Optimize the mark stage for GCS for Container Registry garbage collection
Problem to solve
For organizations that build and publish many Docker images to their Gitlab Container Registry, it is vital that they are able to easily and efficiently delete old, unused images from storage. The problem is that the garbage collection algorithm is inefficient and can take a long time to run.
There are two key stages to the process, the
mark stage, which identifies which images/tags can be deleted, and the
sweep stage, which deletes them. We recently optimized both of these stages for S3 and saw significant improvements. We need to do the same for Google cloud storage, so that we can unblock our customers utilizing GCS from running garbage collection and lowering their cost of storage.
This issue will focus on improving the
Identify and implement performance optimizations for the
mark stage of the garbage collection algorithm for GCS.
- Since gitlab.com utilizes GCS for Container Registry storage, we can run performance tests and benchmarks on dev.gitlab.com. This will help inform how we can scale to the production version of gitlab.com
Permissions and Security
- There are no permissions changes needed for this issue.
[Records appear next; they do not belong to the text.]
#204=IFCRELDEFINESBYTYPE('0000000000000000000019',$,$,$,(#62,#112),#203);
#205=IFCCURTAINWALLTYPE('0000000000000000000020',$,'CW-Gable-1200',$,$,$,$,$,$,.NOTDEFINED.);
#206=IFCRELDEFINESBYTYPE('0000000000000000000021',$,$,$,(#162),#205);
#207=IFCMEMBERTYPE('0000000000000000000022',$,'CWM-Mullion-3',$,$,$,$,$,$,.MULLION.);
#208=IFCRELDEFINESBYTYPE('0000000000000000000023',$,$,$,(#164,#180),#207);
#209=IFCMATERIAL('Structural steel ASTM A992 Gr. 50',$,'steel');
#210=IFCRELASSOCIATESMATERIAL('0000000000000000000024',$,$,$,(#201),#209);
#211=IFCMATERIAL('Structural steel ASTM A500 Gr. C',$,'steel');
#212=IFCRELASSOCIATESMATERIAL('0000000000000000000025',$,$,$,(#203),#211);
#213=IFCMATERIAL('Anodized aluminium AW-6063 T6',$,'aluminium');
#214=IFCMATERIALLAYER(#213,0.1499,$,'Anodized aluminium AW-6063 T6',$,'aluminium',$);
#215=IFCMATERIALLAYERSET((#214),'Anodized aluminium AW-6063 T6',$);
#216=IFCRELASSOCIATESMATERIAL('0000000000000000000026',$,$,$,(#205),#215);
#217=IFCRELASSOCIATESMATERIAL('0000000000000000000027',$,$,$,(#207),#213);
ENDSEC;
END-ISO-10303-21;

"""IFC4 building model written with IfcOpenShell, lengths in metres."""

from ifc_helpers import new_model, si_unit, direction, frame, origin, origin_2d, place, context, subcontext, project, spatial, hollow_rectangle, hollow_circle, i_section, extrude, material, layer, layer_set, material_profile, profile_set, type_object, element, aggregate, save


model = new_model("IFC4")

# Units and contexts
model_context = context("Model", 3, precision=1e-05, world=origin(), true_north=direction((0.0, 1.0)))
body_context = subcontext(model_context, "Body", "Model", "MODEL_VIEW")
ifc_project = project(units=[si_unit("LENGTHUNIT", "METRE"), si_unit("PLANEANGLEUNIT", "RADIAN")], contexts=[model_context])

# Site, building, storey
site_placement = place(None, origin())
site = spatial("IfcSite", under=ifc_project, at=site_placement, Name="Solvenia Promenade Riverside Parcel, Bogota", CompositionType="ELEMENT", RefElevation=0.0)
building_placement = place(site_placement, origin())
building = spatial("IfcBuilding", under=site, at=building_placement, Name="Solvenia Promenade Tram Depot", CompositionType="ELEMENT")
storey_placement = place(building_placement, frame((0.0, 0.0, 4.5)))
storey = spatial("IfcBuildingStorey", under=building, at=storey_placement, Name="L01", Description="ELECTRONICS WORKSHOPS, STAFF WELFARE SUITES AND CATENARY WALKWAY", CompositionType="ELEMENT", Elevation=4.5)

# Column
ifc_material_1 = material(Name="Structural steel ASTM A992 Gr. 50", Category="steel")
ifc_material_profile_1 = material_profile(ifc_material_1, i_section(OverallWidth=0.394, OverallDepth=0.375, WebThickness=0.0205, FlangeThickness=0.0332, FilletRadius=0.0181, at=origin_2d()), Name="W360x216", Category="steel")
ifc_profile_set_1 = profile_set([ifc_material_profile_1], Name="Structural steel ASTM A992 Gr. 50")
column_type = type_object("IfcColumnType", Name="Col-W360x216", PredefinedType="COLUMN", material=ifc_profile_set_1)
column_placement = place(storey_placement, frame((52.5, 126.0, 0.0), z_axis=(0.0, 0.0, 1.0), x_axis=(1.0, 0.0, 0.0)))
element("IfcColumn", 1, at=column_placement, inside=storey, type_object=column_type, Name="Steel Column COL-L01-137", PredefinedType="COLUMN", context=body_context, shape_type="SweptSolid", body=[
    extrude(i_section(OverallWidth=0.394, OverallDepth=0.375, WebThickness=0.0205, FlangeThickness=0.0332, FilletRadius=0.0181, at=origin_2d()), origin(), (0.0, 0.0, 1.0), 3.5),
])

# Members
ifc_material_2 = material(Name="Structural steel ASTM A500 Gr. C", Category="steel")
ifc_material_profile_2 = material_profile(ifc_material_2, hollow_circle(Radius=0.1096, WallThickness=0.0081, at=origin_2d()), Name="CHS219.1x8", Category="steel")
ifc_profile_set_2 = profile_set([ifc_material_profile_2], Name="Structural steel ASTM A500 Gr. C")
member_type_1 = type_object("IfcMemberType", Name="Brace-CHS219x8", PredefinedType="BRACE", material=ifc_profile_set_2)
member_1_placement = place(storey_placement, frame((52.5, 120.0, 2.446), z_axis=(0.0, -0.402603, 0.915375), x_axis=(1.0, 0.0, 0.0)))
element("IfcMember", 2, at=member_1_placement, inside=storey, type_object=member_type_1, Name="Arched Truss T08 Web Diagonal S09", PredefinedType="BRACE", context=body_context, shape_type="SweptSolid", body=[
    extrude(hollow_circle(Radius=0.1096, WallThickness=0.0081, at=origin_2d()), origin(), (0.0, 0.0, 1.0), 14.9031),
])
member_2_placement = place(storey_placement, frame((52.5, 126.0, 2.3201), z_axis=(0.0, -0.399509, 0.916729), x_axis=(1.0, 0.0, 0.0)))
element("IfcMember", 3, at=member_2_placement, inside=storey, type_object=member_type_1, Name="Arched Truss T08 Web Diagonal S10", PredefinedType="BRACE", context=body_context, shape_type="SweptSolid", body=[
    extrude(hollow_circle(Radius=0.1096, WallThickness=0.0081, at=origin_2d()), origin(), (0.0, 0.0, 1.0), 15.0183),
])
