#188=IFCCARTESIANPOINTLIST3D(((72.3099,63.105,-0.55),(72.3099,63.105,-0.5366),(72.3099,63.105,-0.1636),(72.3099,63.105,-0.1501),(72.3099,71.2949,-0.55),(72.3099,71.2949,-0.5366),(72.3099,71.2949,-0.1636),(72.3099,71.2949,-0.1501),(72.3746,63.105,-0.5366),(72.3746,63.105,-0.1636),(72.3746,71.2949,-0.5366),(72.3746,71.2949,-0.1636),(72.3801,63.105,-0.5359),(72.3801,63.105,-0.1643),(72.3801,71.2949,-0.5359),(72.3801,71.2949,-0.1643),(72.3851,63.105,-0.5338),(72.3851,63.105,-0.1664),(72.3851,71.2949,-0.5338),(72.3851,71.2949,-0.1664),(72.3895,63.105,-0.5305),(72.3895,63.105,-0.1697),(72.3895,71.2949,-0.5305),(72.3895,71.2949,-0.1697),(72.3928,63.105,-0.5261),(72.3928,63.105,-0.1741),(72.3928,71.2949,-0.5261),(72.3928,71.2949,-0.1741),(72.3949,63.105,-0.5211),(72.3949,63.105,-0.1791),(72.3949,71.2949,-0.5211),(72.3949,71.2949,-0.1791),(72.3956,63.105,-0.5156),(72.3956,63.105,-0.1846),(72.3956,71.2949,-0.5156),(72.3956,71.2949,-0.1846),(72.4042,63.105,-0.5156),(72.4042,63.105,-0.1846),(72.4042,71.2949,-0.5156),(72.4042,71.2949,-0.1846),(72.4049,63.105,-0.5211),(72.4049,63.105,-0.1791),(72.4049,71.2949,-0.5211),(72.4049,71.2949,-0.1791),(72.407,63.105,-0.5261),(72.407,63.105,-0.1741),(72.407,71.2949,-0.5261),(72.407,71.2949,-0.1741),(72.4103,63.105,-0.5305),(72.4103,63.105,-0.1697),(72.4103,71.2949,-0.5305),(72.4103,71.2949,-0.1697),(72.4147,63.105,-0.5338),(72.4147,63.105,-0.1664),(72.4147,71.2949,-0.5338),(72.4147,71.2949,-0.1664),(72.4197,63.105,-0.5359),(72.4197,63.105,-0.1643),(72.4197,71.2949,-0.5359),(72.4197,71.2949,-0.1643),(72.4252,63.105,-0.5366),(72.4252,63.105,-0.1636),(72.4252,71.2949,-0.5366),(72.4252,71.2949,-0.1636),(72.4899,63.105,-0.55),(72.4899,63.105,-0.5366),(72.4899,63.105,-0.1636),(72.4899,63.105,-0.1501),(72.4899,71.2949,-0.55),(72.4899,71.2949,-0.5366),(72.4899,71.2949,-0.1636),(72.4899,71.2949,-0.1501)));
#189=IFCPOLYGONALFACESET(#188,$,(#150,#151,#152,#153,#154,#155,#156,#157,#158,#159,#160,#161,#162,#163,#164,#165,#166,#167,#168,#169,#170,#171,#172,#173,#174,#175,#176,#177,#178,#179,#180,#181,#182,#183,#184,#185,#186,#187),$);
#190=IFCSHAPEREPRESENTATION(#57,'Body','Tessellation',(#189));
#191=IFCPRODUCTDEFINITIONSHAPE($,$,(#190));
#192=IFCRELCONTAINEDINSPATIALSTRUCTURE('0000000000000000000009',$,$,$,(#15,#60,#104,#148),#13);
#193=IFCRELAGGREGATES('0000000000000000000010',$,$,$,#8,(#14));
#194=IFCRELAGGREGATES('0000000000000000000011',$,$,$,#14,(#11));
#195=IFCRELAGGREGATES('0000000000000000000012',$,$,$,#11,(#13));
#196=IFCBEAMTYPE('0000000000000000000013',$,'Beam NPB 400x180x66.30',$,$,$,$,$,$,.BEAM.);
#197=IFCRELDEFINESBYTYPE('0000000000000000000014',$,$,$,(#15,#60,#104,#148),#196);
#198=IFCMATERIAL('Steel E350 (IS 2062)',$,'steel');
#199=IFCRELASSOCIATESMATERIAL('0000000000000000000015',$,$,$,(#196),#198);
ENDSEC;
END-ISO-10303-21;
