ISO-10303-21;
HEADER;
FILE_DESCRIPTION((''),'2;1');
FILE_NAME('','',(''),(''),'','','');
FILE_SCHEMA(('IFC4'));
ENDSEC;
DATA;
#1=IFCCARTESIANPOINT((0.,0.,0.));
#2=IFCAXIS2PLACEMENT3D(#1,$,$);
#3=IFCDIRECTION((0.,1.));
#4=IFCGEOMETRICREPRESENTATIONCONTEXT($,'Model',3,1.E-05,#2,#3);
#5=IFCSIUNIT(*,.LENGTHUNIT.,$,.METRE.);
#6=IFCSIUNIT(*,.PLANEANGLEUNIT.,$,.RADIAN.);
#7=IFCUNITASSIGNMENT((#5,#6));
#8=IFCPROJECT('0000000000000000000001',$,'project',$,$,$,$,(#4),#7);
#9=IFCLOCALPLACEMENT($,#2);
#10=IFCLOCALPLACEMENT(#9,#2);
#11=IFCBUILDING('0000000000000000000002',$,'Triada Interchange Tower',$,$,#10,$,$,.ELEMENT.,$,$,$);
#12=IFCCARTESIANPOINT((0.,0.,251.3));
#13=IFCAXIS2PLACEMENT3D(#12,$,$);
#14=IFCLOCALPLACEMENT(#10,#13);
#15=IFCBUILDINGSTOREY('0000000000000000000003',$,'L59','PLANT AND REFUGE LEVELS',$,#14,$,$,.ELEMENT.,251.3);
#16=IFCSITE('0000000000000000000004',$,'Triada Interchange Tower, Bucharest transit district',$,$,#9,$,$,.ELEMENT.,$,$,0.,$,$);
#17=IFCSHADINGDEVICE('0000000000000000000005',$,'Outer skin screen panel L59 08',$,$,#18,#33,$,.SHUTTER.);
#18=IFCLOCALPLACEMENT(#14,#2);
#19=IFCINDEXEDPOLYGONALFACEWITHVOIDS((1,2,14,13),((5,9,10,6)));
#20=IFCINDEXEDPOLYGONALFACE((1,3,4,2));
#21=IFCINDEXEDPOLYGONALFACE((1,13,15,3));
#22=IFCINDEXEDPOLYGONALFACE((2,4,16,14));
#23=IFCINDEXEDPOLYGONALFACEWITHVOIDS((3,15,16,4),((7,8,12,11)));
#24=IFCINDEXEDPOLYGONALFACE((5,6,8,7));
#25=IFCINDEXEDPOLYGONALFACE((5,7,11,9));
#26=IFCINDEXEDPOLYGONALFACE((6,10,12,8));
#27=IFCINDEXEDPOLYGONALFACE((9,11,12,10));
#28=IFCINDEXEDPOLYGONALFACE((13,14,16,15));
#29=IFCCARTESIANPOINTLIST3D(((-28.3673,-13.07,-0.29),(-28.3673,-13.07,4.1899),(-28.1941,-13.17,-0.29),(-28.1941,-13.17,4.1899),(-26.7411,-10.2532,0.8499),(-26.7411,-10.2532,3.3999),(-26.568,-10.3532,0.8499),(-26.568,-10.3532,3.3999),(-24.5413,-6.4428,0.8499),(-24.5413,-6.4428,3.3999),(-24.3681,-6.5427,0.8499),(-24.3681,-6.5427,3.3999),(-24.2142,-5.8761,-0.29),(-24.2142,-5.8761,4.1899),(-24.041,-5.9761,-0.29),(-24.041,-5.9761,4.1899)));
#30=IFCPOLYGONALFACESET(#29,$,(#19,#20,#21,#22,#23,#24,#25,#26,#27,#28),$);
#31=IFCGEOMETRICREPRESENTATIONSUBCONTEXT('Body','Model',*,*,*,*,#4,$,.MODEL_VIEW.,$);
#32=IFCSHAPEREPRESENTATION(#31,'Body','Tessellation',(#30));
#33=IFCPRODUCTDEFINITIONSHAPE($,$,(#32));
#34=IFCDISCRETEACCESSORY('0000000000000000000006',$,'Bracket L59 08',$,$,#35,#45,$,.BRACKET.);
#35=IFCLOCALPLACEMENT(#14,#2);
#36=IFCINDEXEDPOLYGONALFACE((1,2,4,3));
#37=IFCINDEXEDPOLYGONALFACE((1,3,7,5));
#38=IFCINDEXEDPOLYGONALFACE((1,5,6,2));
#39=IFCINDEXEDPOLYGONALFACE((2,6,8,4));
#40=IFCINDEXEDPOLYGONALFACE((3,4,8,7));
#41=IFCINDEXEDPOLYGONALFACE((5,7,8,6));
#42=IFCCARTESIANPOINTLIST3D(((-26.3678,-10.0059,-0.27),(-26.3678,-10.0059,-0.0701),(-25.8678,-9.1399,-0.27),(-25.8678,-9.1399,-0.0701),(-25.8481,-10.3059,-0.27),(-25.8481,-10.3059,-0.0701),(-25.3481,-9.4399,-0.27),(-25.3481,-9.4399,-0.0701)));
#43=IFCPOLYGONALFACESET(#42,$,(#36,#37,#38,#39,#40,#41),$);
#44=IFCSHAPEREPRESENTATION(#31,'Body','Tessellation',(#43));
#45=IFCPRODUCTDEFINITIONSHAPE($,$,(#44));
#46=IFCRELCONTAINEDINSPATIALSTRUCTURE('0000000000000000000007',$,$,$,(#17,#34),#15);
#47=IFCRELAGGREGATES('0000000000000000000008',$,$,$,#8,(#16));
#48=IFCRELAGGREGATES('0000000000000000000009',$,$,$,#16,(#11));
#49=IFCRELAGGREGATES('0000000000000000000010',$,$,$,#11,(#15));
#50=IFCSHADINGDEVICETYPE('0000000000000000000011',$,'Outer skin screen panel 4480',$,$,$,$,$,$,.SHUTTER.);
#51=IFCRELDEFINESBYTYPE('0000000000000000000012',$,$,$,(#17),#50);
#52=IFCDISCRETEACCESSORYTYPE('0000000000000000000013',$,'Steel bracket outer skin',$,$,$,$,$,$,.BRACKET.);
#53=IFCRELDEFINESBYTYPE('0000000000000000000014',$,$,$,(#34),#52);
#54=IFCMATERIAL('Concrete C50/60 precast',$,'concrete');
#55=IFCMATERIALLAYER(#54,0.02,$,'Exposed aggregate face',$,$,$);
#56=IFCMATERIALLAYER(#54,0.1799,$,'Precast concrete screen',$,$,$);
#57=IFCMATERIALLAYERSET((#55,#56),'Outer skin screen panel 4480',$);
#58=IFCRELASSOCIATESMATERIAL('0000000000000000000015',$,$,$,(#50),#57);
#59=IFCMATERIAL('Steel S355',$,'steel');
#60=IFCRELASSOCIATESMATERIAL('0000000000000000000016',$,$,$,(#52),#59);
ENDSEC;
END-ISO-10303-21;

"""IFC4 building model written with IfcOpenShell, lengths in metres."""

from ifc_helpers import new_model, si_unit, direction, frame, origin, origin_2d, place, context, subcontext, project, spatial, polyline, rectangle, outline, extrude, material, layer, layer_set, type_object, element, save


model = new_model("IFC4")

# Units and contexts
model_context = context("Model", 3, precision=1e-05, world=origin(), true_north=direction((0.0, 1.0)))
body_context = subcontext(model_context, "Body", "Model", "MODEL_VIEW")
ifc_project = project(units=[si_unit("LENGTHUNIT", "METRE"), si_unit("PLANEANGLEUNIT", "RADIAN")], contexts=[model_context])

# Site, building, storey
site_placement = place(None, origin())
site = spatial("IfcSite", under=ifc_project, at=site_placement, Name="Triada Interchange Tower, Bucharest transit district", CompositionType="ELEMENT", RefElevation=0.0)
building_placement = place(site_placement, origin())
building = spatial("IfcBuilding", under=site, at=building_placement, Name="Triada Interchange Tower", CompositionType="ELEMENT")
storey_placement = place(building_placement, frame((0.0, 0.0, 251.3)))
storey = spatial("IfcBuildingStorey", under=building, at=storey_placement, Name="L59", Description="PLANT AND REFUGE LEVELS", CompositionType="ELEMENT", Elevation=251.3)

# Shared definitions
ifc_material_1 = material(Name="Steel S355", Category="steel")

# Shading device
ifc_material_2 = material(Name="Concrete C50/60 precast", Category="concrete")
ifc_layer_1 = layer(ifc_material_2, 0.02, Name="Exposed aggregate face")
ifc_layer_2 = layer(ifc_material_2, 0.1799, Name="Precast concrete screen")
ifc_layer_set_1 = layer_set([ifc_layer_1, ifc_layer_2], Name="Outer skin screen panel 4480")
shading_device_type = type_object("IfcShadingDeviceType", Name="Outer skin screen panel 4480", PredefinedType="SHUTTER", material=ifc_layer_set_1)
shading_device_placement = place(storey_placement, frame((-24.041, -5.9761, -0.29), z_axis=(0.0, 0.0, 1.0), x_axis=(-0.499973, -0.866041, 0.0)))
element("IfcShadingDevice", 1, at=shading_device_placement, inside=storey, type_object=shading_device_type, Name="Outer skin screen panel L59 08", PredefinedType="SHUTTER", context=body_context, shape_type="SweptSolid", body=[
    extrude(outline(polyline([(0.0, 0.0), (8.3066, 0.0), (8.3066, 4.48), (0.0, 4.48), (0.0, 0.0)]), holes=[polyline([(0.6543, 1.1399), (0.6543, 3.6899), (5.0542, 3.6899), (5.0542, 1.1399), (0.6543, 1.1399)])]), frame((0.0, 0.0, 0.0), z_axis=(0.0, -1.0, 0.0), x_axis=(1.0, 0.0, 0.0)), (0.0, 0.0, 1.0), 0.2),
])

# Discrete accessory
discrete_accessory_type = type_object("IfcDiscreteAccessoryType", Name="Steel bracket outer skin", PredefinedType="BRACKET", material=ifc_material_1)
discrete_accessory_placement = place(storey_placement, frame((-25.8579, -9.7229, -0.27), z_axis=(0.0, 0.0, 1.0), x_axis=(-0.866024, 0.500002, 0.0)))
element("IfcDiscreteAccessory", 2, at=discrete_accessory_placement, inside=storey, type_object=discrete_accessory_type, Name="Bracket L59 08", PredefinedType="BRACKET", context=body_context, shape_type="SweptSolid", body=[
    extrude(rectangle(XDim=0.6001, YDim=1.0, at=origin_2d()), origin(), (0.0, 0.0, 1.0), 0.2),
])

save(model, "model.ifc")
- There are no documentation changes needed for this issue.
Availability & Testing
What does success look like, and how can we measure that?
Success feels like
- We see similar performance gains to the optimizations we made for S3, in which we saw GC (for 15k blobs) go from 2 hours to 93 seconds.
- We enable our customers utilizing large amounts of storage on GCS to run GC and greatly reduce their storage costs.
- We utilize our learnings to better understand how to reduce storage costs for GitLab.com
- #38052 breaks out the metrics we would like to track for understanding usage and adoption of garbage collection
What is the type of buyer?
- This problem impacts our larger customers most, as they typically have many teams building many images.